Thabo Mbeki’s Speech in Zimbabwe

South Africa's President Thabo Mbeki gave a speech at the opening of the Zimbabwe Trade Fair in Bulawayo on May 5. The following are excerpts from his speech, as published by the South African news agency SAPA website:

Our two economies, those of Zimbabwe and South Africa, are the largest in our region. They also enjoy a considerable degree of integration...

Inevitably, therefore, both of us have responsibilities that extend beyond our borders...

Mr President, I might take advantage of this occasion to mention the concern you had, a few years ago, that we, the black people of South Africa, should not make the grievous mistake of allowing the outbreak of a civil war among themselves.

I am convinced that the interventions you made in this regard contributed to turn us away from a path that would have been truly disastrous.

Colonial legacy

Land dispossession was one of the most iniquitous results of the colonisation of Zimbabwe...

Both of our countries, which experienced extensive land dispossession of the indigenous majority by those who colonised our countries, are confronted by the challenge to address this colonial legacy.

Our peoples, on both banks of the Limpopo, both black and white, have a responsibility to recognise the fact that the land question constitutes an important part of the national agenda.

Accordingly, they must commit themselves to work together to address this central question, to advance the common good.

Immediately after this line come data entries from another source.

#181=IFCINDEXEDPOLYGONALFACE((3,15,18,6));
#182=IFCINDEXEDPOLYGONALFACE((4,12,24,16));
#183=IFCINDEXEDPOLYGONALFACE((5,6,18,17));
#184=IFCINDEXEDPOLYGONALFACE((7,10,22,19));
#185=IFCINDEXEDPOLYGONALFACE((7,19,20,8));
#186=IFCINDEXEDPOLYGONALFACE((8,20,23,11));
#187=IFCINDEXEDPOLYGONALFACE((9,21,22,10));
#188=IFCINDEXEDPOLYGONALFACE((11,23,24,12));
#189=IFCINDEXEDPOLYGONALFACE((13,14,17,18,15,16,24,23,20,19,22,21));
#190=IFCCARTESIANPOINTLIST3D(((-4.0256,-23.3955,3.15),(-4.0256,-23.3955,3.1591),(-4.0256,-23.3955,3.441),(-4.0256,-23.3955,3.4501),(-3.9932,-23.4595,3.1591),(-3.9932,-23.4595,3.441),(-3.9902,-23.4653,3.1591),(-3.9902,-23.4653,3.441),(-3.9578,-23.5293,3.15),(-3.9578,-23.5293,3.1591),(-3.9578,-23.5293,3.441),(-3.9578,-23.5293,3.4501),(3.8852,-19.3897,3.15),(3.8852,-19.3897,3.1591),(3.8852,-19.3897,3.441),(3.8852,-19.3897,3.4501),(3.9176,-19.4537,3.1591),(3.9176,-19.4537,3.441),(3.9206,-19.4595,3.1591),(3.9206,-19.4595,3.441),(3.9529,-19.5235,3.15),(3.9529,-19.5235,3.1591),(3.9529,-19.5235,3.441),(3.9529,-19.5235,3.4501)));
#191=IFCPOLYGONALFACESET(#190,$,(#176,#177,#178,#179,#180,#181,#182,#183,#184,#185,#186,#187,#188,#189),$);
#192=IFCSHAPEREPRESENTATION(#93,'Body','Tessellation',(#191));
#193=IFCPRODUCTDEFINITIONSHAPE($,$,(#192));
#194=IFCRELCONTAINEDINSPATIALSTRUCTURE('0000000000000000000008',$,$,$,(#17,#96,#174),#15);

Clearly, the resultant land redistribution also imposes the obligation to ensure that such land is used productively, to help provide a better life for the people...

To you, the people of Zimbabwe, I would like to convey the message that the overwhelming majority of your brothers and sisters south of the Limpopo share with you the hope that the land question in Zimbabwe will be addressed successfully.

National consensus

At the same time, as a people, we are convinced that it would be best that this important matter is dealt with in a co-operative and non-confrontational manner among all the people of this sister country, both black and white, reflecting the achievement of a national consensus on this issue, encompassing all Zimbabweans.

Accordingly, we trust that ways and means will be found to end the conflict that has erupted in some areas of Zimbabwe, occasioned by the still unresolved land question in this country.

Peace, stability, democracy and social progress in Zimbabwe are as important for yourselves as they are for the rest of the region...

Inasmuch as we know from our own history that you are ready to assist us to achieve peace, stability, democracy and social progress in our own country, so are we, in the common interest, willing and ready to work with you for peace, stability, democracy and social progress in Zimbabwe, in our region and the rest of our continent.

The motto on our new national coat of arms, which we unveiled a mere eight days ago, expressed in an ancient African language, says: People who are different come together.